Maybe that was why the new NOCT lens is not AF?


----------



## Joules (Aug 29, 2018)

Isn't a 0.95 aperture considered faster than 2.0 though?


----------



## YuengLinger (Aug 29, 2018)

Giving up the accuracy of contrast detect AF on the F-mount lenses seems like a pretty harsh compromise. Especially for macro and product photography!


----------



## Kit. (Aug 29, 2018)

YuengLinger said:


> Giving up the accuracy of contrast detect AF on the F-mount lenses seems like a pretty harsh compromise. Especially for macro and product photography!

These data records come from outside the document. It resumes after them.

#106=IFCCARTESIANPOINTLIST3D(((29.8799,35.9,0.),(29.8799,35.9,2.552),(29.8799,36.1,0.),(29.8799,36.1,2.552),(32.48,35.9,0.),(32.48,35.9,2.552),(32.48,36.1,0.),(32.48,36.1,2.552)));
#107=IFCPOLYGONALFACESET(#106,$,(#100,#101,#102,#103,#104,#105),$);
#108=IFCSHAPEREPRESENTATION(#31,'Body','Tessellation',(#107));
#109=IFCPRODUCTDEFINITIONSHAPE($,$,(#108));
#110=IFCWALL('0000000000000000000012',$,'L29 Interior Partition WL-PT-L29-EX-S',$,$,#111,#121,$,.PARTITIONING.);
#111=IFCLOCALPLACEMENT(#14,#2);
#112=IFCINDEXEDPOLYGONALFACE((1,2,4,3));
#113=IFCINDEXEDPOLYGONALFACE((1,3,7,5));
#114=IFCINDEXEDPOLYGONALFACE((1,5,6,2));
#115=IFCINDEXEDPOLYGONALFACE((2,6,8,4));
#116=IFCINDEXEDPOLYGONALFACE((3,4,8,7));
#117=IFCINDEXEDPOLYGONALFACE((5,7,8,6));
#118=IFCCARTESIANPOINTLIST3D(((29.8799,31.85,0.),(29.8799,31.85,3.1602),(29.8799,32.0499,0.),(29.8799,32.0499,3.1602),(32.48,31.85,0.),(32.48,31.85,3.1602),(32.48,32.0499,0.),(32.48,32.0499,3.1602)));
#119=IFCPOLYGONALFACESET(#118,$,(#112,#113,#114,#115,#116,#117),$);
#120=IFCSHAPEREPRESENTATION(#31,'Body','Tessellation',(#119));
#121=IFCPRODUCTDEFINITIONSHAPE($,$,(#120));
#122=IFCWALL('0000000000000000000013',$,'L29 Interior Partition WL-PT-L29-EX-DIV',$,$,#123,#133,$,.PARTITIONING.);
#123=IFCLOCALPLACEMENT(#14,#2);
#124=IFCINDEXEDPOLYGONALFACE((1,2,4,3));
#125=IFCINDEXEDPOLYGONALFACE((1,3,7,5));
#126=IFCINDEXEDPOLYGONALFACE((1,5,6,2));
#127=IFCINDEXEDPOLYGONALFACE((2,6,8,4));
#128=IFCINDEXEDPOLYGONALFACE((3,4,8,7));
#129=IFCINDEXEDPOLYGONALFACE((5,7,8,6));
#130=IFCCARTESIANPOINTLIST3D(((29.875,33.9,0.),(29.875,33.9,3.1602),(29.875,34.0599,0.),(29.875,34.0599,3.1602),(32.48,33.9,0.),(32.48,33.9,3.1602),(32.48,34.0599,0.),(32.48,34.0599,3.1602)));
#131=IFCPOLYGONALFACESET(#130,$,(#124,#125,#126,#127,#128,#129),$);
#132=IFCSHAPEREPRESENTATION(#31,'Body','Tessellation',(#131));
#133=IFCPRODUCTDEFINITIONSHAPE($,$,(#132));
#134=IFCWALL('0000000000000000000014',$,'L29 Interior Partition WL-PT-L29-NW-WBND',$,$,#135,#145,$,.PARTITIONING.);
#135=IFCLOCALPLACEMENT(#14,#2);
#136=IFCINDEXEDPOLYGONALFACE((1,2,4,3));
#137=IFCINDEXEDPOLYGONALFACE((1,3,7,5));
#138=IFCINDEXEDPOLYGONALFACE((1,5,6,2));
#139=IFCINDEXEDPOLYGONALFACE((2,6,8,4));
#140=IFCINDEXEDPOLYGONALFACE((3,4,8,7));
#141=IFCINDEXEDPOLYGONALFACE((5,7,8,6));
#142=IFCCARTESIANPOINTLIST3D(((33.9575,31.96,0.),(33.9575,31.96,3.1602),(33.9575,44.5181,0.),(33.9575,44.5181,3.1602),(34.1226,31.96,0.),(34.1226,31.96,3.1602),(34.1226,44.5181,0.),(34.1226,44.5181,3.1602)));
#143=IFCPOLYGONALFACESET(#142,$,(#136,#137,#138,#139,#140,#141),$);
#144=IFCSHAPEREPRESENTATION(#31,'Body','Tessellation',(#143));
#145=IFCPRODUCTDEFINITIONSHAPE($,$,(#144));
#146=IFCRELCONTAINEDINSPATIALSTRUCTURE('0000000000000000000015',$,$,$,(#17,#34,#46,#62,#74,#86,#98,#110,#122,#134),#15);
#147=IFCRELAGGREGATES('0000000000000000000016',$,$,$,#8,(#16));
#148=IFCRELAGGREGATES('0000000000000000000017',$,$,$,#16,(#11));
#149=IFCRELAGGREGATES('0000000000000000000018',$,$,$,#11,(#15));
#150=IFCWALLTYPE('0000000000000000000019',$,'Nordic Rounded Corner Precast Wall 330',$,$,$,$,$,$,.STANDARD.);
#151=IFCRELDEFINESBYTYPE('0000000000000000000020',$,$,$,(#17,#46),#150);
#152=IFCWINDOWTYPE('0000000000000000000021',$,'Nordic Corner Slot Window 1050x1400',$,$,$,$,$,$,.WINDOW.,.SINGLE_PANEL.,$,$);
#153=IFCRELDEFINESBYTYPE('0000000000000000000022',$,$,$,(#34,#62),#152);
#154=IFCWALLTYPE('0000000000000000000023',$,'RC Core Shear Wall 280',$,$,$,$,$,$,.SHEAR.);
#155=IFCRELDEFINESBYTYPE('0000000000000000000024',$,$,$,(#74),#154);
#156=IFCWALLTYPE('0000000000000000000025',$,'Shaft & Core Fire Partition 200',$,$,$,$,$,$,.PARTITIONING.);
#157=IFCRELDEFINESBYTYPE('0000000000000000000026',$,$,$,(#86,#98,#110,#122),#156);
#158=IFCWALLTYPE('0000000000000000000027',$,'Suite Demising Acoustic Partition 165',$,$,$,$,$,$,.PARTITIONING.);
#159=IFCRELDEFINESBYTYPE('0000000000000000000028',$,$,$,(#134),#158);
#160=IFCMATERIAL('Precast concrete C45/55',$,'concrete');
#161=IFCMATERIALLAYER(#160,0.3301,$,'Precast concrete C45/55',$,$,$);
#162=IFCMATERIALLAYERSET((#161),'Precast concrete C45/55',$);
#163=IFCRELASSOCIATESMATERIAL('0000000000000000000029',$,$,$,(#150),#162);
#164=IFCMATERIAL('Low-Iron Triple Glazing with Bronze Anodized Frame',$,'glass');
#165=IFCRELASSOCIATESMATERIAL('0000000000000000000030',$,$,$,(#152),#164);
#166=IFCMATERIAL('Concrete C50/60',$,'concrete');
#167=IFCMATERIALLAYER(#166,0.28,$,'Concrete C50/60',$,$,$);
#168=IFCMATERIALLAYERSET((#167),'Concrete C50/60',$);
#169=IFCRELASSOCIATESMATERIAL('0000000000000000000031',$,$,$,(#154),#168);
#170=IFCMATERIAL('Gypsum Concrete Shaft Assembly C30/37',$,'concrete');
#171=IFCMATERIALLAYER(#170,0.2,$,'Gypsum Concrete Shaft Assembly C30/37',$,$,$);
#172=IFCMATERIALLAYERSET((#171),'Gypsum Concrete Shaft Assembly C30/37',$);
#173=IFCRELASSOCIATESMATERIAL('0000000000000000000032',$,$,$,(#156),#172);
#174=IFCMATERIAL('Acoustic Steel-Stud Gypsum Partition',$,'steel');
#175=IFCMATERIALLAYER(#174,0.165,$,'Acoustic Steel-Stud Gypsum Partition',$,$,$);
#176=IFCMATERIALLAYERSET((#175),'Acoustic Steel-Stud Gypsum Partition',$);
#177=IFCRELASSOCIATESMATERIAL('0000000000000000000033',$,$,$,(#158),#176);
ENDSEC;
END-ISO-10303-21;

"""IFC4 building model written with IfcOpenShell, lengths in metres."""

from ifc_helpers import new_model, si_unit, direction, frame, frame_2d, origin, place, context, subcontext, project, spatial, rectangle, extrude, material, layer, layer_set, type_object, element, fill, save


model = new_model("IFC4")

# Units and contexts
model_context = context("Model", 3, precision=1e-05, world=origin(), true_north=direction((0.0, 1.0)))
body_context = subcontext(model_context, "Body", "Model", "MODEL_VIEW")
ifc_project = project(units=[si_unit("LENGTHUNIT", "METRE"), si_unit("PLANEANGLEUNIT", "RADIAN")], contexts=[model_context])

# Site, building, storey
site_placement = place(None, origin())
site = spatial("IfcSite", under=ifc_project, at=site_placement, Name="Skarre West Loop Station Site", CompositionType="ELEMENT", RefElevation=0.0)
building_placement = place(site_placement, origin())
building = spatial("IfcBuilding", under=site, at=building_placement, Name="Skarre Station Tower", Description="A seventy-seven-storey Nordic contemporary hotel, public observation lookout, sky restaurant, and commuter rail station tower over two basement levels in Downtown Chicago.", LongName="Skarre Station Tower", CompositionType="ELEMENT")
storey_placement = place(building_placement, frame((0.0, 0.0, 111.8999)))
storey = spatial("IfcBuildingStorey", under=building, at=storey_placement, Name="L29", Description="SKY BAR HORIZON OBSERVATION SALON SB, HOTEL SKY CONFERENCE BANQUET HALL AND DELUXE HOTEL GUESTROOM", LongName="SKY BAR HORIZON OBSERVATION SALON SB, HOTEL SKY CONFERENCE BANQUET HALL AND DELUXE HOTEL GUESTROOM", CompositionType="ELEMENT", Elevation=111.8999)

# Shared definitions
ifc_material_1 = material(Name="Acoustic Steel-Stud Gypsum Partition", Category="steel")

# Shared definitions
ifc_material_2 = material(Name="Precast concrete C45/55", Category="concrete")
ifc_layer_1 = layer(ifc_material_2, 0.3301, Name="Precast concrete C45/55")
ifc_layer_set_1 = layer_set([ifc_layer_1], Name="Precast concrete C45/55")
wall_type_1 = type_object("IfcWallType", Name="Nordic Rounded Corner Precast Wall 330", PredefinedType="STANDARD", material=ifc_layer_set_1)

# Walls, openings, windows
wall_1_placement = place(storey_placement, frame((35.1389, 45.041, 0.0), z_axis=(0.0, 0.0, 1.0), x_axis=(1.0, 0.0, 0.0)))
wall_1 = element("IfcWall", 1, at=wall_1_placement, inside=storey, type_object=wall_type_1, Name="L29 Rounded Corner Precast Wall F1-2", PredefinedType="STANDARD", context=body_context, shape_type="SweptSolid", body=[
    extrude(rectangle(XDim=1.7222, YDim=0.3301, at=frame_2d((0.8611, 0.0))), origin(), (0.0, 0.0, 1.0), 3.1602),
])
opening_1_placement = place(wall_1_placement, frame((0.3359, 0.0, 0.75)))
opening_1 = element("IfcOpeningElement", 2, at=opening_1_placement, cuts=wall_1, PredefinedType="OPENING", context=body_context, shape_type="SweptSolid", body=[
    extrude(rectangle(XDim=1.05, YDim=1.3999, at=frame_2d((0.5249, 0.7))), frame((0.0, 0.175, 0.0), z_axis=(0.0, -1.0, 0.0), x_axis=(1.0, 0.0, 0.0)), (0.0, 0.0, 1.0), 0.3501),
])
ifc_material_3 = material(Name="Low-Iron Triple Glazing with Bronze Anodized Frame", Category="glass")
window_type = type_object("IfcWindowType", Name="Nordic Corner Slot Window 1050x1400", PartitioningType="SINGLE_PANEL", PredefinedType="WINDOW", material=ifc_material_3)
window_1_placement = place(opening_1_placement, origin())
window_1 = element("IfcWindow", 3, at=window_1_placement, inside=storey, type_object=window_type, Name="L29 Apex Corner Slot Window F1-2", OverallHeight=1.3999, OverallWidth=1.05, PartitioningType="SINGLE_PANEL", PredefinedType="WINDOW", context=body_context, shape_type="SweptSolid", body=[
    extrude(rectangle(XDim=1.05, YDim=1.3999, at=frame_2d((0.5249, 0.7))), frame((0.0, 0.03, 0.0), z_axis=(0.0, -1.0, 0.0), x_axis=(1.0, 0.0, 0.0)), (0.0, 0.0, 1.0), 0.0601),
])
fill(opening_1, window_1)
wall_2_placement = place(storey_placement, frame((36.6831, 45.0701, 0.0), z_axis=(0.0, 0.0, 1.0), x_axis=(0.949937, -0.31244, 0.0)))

For product photography you don't need AF at all (you may want focus peaking, but you don't really need it either). For macro photography, you normally don't shoot wide open (unless you use an f/5.6+ lens for your macro work).


----------



## Mikehit (Aug 29, 2018)

Joules said:


> Isn't a 0.95 aperture considered faster than 2.0 though?




D'oh!


----------



## YuengLinger (Aug 29, 2018)

Kit. said:


> For product photography you don't need AF at all (you may want focus peaking, but you don't really need it either). For macro photography, you normally don't shoot wide open (unless you use an f/5.6+ lens for your macro work).

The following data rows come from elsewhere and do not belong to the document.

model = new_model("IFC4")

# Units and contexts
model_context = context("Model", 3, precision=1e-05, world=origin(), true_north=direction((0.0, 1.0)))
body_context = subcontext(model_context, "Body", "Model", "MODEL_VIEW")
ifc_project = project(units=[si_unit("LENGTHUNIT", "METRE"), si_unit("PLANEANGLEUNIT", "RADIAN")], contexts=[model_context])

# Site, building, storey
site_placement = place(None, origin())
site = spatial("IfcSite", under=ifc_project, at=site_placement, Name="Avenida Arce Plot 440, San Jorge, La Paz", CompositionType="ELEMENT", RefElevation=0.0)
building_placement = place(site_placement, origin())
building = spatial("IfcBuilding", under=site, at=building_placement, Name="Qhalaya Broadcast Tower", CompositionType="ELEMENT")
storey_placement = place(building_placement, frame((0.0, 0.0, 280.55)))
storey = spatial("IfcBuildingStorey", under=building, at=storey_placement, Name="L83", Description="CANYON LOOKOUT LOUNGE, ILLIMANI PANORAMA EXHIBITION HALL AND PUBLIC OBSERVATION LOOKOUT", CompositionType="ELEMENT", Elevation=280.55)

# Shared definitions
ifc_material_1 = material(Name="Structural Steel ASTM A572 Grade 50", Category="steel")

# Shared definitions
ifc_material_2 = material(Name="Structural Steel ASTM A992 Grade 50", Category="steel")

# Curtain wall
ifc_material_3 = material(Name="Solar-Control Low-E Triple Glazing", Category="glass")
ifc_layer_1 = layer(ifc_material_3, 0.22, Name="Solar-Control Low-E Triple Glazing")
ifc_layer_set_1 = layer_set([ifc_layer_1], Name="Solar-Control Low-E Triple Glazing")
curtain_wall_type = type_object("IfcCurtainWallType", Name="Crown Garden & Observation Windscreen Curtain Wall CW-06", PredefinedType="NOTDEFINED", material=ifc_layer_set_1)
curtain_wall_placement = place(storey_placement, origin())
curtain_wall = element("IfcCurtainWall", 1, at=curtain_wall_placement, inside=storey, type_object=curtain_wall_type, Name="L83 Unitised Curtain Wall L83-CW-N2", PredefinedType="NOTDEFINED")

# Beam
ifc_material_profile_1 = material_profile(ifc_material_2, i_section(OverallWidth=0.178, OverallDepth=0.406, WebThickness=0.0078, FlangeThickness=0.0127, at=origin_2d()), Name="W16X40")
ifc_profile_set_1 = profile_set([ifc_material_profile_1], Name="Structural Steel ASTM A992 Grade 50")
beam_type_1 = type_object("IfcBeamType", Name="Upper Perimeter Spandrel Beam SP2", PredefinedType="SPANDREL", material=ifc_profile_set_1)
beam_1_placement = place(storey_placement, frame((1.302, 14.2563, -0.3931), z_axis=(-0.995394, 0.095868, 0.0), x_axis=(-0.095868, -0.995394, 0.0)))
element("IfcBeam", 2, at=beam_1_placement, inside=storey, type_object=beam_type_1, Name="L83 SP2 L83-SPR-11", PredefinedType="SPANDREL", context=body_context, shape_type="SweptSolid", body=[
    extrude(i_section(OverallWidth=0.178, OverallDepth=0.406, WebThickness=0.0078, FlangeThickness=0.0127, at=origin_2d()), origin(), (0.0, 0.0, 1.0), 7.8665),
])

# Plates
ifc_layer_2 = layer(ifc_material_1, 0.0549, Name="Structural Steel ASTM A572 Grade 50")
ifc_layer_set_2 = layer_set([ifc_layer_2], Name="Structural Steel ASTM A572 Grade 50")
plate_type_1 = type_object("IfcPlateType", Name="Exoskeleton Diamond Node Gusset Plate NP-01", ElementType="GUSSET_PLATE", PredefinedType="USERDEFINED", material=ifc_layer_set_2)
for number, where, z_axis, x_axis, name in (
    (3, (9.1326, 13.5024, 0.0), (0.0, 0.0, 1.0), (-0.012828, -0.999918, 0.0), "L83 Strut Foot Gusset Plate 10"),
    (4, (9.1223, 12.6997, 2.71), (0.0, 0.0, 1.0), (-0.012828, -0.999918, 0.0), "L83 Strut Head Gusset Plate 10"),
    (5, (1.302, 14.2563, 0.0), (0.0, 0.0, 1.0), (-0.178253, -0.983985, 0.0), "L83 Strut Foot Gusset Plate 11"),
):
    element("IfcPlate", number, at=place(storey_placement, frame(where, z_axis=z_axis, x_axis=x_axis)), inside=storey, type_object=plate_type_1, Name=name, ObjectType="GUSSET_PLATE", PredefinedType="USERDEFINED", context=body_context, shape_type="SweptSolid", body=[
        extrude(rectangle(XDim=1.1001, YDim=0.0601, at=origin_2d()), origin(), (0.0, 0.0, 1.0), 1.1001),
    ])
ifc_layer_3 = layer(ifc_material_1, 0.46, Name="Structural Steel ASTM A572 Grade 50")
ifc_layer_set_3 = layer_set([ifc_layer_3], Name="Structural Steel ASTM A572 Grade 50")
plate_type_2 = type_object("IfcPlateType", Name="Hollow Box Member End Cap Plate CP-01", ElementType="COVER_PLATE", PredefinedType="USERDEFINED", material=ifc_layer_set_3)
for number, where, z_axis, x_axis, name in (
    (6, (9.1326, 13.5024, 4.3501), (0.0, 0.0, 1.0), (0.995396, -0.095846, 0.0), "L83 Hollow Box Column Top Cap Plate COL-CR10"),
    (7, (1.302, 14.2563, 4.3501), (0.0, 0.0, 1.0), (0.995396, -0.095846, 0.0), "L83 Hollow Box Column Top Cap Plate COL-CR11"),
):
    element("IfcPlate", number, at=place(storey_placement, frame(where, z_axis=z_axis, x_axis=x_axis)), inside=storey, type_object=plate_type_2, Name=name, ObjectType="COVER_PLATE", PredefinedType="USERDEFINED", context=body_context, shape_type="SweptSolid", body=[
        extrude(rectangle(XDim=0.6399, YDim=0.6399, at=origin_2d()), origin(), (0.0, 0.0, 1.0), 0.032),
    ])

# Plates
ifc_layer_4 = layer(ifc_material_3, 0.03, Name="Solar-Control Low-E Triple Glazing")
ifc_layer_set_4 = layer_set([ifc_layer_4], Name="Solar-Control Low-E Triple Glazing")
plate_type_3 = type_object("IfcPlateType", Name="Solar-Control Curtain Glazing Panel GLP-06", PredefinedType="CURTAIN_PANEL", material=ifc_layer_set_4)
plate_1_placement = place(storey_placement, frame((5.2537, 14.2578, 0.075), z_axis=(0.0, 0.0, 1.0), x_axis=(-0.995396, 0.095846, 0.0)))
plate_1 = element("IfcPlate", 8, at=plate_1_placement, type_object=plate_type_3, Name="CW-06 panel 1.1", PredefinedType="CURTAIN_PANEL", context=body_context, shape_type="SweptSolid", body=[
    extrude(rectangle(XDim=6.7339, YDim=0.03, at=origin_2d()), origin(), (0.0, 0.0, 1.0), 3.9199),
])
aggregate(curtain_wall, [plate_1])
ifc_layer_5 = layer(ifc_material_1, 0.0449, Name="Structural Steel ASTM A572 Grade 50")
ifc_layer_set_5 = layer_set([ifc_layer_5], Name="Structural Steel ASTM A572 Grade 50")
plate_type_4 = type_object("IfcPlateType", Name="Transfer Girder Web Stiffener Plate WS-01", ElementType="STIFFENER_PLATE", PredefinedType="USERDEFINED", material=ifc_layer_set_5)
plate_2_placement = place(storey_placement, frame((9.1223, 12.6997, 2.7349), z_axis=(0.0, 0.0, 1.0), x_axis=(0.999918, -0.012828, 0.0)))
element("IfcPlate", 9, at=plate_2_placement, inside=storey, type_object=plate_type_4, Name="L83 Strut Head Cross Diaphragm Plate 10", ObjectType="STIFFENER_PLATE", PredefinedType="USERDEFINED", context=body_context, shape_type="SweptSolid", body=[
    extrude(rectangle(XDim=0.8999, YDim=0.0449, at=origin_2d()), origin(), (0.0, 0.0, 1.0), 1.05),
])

I like using Live View with AF for macro and product. Sounds like Nikon's system wouldn't work that way with F mount lenses.

"So I asked the Nikon engineers what in fact they did to enable F-mount lenses to work on the Z-series bodies, and the unsurprising answer was that the cameras simply refrain from using contrast-detect AF when an F-mount lens is mounted. They just use phase detect AF (PDAF) exclusively with F-mount optics."


----------



## Kit. (Aug 29, 2018)

YuengLinger said:


> I like using Live View with AF for macro and product. Sounds like Nikon's system wouldn't work that way with F mount lenses.


It will, but it won't use the second phase (CDAF after PDAF). Which you will highly likely not notice at all if you stop down your macro lens to f/8 or further.


----------



## Aglet (Aug 30, 2018)

as long as it has a decent magnified live-view for macro that AF issue is moot.

but for all the rest of my good old glass.... Hmmm... gonna be relying a lot on mag'd LV a lot it seems so I hope it works well in low light. Olympus has a cool trick for low light live view that works pretty well even in partial phase moonlight. Not sure what Canon's low light live view is like now but even way back it worked pretty well.

Altho all that's moot too.... z6 and z7 are not worth it for me. Poor features/price ratio.
What's next?...


----------



## YuengLinger (Aug 30, 2018)

Seems no members here really understand the ramifications. Or find the Nikons worth discussing.


----------



## Mikehit (Aug 30, 2018)

Now there is a video from the Z6 designer on what it can achieve


----------



## AlanF (Aug 30, 2018)

YuengLinger said:


> Seems no members here really understand the ramifications. Or find the Nikons worth discussing.


It's a very interesting review that discusses several generic points about DSLRs vs Mirrorless especially AF and legacy lenses etc.


----------



## Aglet (Aug 31, 2018)

combined with the information from the interview by D E on Imagine-Resource it sounds like the new Zs have excellent low light AF ability altho all their AF points are single axis.. Presumably they're all vertical line sensitive rather than a mix of V and H sensitive.

Also that the new lenses present the light to the sensor in a more _parallel_ mannner. And that the sensor filter stack may be thinner than it was on F-mount. Combined that will mean more easily visible sensor dust. Doh! I hate sensor dust issues!


----------



## privatebydesign (Aug 31, 2018)

Aglet said:


> combined with the information from the interview by D E on Imagine-Resource it sounds like the new Zs have excellent low light AF ability altho all their AF points are single axis.. Presumably they're all vertical line sensitive rather than a mix of V and H sensitive.
> 
> Also that the new lenses present the light to the sensor in a more _parallel_ mannner. And that the sensor filter stack may be thinner than it was on F-mount. Combined that will mean more easily visible sensor dust. Doh! I hate sensor dust issues!


No, initial hands on reports are that the low light AF is subpar.


----------



## Aglet (Sep 1, 2018)

I'd seen that as well.

But from the update yesterday on the story at I-R: I've bolded the quote. Hopefully there was no error in translation.

"(Update, 8/30/18, 1:16pm EDT: Contrary to the preceding and what's been reported by other outlets, this does _not_ seem to be the case. We asked Nikon about low light AF limits, and received this reply: *"AF is possible down to -4.3 EV with an f/1.8 lens, -4 EV with an f/2.0 lens and -2 EV with an f/4 lens."* Also, there is no reduction in low light AF performance with F-mount lenses, apart from any due to maximum available aperture.)"


----------